Large numbers of Bairāgis now marry and have children, and have formed an ordinary caste. The married Bairāgis are held to be inferior to the celibate mendicants, and will take food from them, but the mendicants will not permit the married Bairāgis to eat with them in the chauka or place purified for the taking of food. The customs of the married Bairāgis resemble those of ordinary Hindu castes such as the Kurmis. They permit divorce and the remarriage of widows, and burn the dead. Those who have taken to cultivation do not, as a rule, plough with their own hands. Many Bairāgis have acquired property and become landholders, and others have extensive moneylending transactions. Two such men who had acquired possession of extensive tracts of zamīndāri land in Chhattīsgarh, in satisfaction of loans made to the Gond zamīndārs, and had been given the zamīndāri status by the Marāthas, were subsequently made Feudatory Chiefs of the Nāndgaon and Chhuikhadan States. These chiefs now marry and the States descend in their families by primogeniture in the ordinary manner.
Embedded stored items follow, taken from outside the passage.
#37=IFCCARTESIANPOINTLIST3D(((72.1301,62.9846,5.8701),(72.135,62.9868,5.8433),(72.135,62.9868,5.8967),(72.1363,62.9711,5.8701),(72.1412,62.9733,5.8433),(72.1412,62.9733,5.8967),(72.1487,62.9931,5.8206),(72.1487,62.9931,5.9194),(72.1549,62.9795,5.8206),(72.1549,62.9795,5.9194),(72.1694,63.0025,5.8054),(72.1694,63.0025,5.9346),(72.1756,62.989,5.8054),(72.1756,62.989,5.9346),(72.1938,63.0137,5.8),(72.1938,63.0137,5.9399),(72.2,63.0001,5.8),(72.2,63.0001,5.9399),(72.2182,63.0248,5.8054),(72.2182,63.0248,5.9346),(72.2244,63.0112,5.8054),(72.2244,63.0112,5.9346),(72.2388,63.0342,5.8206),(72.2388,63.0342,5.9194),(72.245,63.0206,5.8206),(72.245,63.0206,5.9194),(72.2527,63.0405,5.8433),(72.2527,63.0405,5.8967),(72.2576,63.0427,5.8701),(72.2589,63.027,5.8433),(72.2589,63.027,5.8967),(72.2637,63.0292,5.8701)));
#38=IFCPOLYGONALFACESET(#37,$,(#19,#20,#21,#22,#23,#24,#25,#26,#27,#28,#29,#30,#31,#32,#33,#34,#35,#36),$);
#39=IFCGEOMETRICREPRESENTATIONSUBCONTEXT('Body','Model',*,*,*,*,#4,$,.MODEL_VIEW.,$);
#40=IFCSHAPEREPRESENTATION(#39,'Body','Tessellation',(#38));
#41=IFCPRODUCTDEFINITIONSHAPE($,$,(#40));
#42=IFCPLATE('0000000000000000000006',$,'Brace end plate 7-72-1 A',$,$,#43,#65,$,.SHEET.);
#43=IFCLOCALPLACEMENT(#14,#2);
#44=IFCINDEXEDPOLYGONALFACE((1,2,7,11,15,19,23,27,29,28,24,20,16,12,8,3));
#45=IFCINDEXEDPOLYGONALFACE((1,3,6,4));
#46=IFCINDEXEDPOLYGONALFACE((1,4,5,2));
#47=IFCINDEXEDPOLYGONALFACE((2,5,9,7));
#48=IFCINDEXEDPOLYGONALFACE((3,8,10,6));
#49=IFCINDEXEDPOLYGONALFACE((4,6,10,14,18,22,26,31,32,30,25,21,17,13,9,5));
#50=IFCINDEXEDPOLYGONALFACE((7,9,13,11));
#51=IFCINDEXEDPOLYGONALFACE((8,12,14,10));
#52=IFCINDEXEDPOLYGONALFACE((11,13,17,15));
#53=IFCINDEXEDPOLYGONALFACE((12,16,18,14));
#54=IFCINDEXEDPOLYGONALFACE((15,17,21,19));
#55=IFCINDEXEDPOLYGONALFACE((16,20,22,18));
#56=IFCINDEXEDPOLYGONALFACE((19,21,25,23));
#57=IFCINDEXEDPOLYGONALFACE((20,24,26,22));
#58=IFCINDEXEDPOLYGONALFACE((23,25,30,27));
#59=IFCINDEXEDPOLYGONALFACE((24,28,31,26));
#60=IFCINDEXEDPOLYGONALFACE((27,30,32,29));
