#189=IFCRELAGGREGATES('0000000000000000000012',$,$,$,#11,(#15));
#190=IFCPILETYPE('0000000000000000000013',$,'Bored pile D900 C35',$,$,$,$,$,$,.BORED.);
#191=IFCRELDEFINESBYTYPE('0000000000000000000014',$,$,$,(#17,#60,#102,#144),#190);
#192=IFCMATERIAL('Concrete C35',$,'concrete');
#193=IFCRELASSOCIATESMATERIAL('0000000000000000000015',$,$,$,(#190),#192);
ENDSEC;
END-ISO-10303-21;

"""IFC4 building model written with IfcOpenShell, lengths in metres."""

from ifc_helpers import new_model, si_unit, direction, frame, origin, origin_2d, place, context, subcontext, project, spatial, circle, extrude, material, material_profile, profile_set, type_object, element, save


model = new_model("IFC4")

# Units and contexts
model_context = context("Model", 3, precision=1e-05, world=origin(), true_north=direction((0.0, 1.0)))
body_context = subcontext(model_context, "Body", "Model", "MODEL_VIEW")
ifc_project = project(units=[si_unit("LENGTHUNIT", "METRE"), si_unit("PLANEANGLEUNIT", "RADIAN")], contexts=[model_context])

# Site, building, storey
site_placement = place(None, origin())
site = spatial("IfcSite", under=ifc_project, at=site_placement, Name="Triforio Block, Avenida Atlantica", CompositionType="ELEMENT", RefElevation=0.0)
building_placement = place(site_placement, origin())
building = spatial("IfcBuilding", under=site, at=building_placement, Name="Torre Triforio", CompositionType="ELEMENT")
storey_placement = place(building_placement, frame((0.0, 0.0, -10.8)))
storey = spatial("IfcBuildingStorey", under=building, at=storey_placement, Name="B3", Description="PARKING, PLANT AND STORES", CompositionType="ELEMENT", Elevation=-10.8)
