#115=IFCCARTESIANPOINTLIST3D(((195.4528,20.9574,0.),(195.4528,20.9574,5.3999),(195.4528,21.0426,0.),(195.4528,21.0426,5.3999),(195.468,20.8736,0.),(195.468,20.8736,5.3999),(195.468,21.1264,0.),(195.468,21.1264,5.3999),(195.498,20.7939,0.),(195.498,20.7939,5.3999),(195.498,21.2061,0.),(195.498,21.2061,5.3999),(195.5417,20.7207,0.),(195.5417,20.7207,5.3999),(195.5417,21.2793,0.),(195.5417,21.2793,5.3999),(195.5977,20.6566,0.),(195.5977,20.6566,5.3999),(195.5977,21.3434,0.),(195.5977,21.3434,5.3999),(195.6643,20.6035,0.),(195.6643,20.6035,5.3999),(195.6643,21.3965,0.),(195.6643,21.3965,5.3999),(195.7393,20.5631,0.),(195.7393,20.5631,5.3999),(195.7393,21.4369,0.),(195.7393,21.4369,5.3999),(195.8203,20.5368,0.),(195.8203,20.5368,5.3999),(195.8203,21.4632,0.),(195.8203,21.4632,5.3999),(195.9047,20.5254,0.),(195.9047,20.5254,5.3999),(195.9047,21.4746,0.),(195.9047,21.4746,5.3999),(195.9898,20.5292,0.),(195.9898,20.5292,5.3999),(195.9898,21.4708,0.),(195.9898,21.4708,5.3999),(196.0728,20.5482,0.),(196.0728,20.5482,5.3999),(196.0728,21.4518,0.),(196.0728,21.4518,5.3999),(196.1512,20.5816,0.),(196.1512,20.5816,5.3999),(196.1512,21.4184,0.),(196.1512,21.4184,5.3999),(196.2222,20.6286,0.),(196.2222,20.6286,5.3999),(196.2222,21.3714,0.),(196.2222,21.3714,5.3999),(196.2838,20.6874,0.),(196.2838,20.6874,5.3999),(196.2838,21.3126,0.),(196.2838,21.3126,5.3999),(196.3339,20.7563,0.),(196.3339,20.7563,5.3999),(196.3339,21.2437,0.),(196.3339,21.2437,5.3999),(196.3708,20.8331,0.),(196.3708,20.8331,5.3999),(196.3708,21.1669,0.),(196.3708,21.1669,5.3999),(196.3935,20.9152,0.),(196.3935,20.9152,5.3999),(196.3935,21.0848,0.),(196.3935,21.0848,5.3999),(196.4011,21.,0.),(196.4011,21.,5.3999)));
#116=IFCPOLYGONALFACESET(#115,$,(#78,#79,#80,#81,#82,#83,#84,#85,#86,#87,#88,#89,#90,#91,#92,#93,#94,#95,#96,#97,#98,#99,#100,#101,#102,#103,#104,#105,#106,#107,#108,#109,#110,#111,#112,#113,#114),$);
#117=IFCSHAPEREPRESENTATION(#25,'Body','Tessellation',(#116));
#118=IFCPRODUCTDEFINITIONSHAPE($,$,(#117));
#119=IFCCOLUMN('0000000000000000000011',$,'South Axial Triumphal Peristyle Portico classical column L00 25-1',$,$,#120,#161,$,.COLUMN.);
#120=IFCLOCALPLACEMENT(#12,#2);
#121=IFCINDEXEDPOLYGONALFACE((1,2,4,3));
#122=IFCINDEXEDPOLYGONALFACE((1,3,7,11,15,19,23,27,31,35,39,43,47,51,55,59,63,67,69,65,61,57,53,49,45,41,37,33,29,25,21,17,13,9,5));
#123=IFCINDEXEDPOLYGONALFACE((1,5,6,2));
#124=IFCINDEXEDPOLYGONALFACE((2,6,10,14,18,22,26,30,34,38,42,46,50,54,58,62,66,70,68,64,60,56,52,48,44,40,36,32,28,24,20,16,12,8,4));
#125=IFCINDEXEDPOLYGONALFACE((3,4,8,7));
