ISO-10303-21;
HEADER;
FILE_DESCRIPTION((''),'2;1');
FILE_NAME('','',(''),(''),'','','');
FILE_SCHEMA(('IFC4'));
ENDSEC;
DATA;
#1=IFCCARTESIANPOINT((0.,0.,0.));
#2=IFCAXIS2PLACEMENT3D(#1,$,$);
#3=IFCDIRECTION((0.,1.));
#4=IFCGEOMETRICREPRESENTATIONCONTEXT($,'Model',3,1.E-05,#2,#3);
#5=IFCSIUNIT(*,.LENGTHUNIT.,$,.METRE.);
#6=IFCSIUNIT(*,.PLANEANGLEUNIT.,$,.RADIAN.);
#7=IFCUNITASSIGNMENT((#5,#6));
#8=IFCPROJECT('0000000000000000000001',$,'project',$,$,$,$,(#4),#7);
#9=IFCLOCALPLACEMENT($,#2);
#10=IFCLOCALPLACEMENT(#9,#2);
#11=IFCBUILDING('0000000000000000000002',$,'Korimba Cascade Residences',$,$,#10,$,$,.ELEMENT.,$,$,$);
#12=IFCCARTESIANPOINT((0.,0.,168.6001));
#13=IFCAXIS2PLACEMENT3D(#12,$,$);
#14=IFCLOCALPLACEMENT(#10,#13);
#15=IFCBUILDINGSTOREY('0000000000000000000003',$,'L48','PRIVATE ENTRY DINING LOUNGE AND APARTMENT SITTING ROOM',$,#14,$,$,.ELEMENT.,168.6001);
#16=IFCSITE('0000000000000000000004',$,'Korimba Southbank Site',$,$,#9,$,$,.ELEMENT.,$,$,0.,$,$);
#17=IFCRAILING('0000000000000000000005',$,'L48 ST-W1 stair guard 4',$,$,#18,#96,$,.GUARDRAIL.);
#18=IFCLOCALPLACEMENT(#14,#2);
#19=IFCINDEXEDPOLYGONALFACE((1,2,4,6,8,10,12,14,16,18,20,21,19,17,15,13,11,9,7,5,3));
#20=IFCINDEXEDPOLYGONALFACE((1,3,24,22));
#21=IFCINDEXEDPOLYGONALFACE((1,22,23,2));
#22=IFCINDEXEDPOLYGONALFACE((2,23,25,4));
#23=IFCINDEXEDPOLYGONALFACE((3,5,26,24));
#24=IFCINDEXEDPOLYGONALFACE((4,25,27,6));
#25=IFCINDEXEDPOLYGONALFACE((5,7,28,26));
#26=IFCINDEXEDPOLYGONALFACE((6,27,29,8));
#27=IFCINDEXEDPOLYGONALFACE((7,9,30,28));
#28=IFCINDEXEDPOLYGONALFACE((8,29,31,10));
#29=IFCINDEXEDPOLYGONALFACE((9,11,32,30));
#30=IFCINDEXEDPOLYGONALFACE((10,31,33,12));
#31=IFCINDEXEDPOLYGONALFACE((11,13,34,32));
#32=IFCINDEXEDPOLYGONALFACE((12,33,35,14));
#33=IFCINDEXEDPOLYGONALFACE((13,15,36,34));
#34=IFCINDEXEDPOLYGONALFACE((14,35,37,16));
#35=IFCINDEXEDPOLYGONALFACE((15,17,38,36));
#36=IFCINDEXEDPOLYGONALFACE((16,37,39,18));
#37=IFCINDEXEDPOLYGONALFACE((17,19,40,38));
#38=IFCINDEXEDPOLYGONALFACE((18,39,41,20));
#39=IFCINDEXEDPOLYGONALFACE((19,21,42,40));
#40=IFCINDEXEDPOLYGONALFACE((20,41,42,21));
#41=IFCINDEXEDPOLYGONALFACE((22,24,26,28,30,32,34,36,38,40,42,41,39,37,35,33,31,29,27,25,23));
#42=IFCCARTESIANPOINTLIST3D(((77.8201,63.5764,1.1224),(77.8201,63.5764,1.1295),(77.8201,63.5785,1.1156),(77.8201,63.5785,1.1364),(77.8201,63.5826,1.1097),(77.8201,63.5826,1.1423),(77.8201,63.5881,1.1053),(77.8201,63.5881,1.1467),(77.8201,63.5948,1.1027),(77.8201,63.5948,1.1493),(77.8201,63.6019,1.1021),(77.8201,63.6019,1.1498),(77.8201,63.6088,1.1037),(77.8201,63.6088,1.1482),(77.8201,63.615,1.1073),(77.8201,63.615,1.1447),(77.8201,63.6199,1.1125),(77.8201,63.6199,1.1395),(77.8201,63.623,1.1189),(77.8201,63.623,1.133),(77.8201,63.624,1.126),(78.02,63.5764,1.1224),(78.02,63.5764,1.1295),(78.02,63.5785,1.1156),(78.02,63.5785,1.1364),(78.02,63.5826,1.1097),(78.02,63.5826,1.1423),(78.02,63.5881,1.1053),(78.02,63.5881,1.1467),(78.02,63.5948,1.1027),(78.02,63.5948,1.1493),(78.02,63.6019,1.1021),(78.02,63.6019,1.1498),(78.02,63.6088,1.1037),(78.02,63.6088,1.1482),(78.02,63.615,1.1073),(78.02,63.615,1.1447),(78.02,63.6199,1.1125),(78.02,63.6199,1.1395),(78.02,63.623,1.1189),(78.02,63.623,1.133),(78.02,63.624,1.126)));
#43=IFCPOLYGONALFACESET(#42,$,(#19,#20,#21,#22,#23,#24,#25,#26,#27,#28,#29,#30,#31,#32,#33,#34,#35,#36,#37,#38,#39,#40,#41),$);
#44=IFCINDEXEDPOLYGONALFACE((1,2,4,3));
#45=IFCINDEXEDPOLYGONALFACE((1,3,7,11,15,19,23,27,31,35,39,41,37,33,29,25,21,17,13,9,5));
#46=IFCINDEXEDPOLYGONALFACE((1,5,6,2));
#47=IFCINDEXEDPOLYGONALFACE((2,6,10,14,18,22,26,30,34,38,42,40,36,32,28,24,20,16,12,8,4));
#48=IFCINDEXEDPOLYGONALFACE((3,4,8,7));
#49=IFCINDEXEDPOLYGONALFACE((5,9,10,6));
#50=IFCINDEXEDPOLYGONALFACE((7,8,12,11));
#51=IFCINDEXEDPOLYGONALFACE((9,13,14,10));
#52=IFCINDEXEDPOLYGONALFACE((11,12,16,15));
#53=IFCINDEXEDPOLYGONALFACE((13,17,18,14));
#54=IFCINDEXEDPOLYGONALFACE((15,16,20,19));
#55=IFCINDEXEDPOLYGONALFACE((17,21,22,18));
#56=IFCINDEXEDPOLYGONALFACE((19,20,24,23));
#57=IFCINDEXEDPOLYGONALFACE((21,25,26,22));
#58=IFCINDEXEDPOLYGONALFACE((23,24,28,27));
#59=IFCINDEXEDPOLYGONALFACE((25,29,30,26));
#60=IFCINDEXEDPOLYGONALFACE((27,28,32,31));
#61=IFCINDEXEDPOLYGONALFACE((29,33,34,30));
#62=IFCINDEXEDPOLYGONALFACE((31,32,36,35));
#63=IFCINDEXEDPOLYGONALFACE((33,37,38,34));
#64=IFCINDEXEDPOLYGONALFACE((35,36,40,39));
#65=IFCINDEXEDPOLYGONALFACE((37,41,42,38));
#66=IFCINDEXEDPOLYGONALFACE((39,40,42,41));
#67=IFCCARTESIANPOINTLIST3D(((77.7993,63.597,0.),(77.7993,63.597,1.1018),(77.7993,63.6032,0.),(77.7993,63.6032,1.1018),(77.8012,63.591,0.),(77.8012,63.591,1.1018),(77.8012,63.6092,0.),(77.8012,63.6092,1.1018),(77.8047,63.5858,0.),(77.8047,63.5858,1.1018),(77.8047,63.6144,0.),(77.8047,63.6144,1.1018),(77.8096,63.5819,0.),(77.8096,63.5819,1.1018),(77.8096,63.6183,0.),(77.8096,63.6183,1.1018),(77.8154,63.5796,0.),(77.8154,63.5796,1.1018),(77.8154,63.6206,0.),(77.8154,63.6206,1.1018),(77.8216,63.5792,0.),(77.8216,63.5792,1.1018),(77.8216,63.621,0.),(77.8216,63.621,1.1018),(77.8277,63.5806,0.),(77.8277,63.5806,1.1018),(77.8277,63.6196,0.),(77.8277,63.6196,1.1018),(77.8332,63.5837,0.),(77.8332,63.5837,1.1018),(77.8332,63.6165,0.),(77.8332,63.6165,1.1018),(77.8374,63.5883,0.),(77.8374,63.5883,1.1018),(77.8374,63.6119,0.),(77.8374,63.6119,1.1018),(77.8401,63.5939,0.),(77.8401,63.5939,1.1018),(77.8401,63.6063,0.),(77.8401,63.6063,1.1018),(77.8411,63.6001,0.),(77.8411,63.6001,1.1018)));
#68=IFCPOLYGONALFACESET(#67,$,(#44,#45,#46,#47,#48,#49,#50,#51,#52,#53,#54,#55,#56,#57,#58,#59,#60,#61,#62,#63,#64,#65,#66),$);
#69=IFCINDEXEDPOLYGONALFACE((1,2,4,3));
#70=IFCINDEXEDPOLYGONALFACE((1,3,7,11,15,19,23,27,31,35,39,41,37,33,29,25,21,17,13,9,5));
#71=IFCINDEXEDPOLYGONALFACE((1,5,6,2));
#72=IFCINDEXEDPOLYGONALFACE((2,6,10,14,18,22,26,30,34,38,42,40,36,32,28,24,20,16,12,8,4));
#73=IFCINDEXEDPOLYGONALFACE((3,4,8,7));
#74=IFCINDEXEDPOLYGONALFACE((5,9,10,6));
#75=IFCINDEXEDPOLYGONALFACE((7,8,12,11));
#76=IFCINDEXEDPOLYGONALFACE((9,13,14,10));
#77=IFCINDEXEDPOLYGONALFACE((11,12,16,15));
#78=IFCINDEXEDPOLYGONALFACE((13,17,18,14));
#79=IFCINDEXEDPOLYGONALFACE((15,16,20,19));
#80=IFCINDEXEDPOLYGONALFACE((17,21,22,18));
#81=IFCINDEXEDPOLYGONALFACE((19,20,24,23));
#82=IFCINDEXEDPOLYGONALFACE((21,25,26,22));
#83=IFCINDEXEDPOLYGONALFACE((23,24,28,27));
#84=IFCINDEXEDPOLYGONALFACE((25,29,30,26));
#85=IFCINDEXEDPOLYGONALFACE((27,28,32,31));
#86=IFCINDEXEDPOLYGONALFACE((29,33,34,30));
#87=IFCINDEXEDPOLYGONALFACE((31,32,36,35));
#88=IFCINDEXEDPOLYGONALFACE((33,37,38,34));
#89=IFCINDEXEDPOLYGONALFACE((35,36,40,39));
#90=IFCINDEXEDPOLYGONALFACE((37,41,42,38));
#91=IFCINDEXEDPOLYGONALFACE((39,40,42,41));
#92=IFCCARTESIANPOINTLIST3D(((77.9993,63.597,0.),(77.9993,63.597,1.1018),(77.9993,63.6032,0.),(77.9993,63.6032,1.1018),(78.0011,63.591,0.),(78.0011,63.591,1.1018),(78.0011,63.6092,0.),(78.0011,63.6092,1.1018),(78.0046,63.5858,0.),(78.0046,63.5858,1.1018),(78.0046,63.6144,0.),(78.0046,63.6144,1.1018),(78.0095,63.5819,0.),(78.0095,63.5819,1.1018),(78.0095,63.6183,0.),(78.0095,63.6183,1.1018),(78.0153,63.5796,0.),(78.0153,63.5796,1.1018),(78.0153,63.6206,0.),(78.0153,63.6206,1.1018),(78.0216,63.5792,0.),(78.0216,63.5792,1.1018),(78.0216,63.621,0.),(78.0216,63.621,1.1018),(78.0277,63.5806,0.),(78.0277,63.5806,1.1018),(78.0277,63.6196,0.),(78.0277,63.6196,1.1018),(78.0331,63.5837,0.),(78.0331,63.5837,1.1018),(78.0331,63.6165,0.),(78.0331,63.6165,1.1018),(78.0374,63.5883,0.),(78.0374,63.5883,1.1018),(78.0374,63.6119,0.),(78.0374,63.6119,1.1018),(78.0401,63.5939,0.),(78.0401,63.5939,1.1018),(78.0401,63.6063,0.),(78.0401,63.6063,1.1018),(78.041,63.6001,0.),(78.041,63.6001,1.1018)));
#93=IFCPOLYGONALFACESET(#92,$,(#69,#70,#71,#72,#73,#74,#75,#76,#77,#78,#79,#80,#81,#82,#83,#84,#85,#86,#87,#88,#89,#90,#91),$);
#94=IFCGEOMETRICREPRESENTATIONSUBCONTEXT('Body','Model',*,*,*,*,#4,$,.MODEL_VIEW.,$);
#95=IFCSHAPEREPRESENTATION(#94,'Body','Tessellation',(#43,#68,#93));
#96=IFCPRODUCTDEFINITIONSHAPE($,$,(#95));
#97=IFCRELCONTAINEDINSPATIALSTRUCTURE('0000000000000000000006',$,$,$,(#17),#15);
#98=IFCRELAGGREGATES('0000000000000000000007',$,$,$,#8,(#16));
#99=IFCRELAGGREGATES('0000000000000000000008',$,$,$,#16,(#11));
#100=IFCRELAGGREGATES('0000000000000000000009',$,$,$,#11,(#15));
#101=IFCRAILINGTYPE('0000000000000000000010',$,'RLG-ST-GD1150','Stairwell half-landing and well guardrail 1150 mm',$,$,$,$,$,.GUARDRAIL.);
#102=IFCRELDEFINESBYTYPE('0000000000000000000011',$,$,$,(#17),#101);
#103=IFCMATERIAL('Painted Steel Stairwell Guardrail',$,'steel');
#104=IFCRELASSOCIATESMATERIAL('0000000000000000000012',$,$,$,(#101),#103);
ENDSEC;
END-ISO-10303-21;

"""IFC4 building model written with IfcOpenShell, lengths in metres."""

from ifc_helpers import new_model, si_unit, direction, frame, origin, origin_2d, place, context, subcontext, project, spatial, circle, extrude, material, type_object, element, save


model = new_model("IFC4")

# Units and contexts
model_context = context("Model", 3, precision=1e-05, world=origin(), true_north=direction((0.0, 1.0)))
body_context = subcontext(model_context, "Body", "Model", "MODEL_VIEW")
ifc_project = project(units=[si_unit("LENGTHUNIT", "METRE"), si_unit("PLANEANGLEUNIT", "RADIAN")], contexts=[model_context])

# Site, building, storey
site_placement = place(None, origin())
site = spatial("IfcSite", under=ifc_project, at=site_placement, Name="Korimba Southbank Site", CompositionType="ELEMENT", RefElevation=0.0)
building_placement = place(site_placement, origin())
building = spatial("IfcBuilding", under=site, at=building_placement, Name="Korimba Cascade Residences", CompositionType="ELEMENT")
storey_placement = place(building_placement, frame((0.0, 0.0, 168.6001)))
storey = spatial("IfcBuildingStorey", under=building, at=storey_placement, Name="L48", Description="PRIVATE ENTRY DINING LOUNGE AND APARTMENT SITTING ROOM", CompositionType="ELEMENT", Elevation=168.6001)

# Railing
ifc_material_1 = material(Name="Painted Steel Stairwell Guardrail", Category="steel")
railing_type_1 = type_object("IfcRailingType", Name="RLG-ST-GD1150", Description="Stairwell half-landing and well guardrail 1150 mm", PredefinedType="GUARDRAIL", material=ifc_material_1)
railing_1_placement = place(storey_placement, frame((77.8201, 63.6001, 0.0)))
element("IfcRailing", 1, at=railing_1_placement, inside=storey, type_object=railing_type_1, Name="L48 ST-W1 stair guard 4", PredefinedType="GUARDRAIL", context=body_context, shape_type="SweptSolid", body=[
    extrude(circle(Radius=0.0239, at=origin_2d()), frame((0.0, 0.0, 1.126), z_axis=(1.0, 0.0, 0.0), x_axis=(0.0, 1.0, 0.0)), (0.0, 0.0, 1.0), 0.2),
    extrude(circle(Radius=0.021, at=origin_2d()), origin(), (0.0, 0.0, 1.0), 1.1018),
    extrude(circle(Radius=0.021, at=origin_2d()), frame((0.2, 0.0, 0.0)), (0.0, 0.0, 1.0), 1.1018),
])

save(model, "model.ifc")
As a rule, the Bairāgi landowners and moneylenders are not found to be particularly good specimens of their class.
[1] This article contains material from Sir E. Maclagan’s Punjab Census Report (1891), and Dr. J. N. Bhattachārya’s Hindu Castes and Sects (Thacker, Spink & Co., Calcutta).
[2] Dictionary, s.v.
[3] Sir E. Maclagan’s Punjab Census Report (1891), p. 122.
[4] Memoir of Mathura.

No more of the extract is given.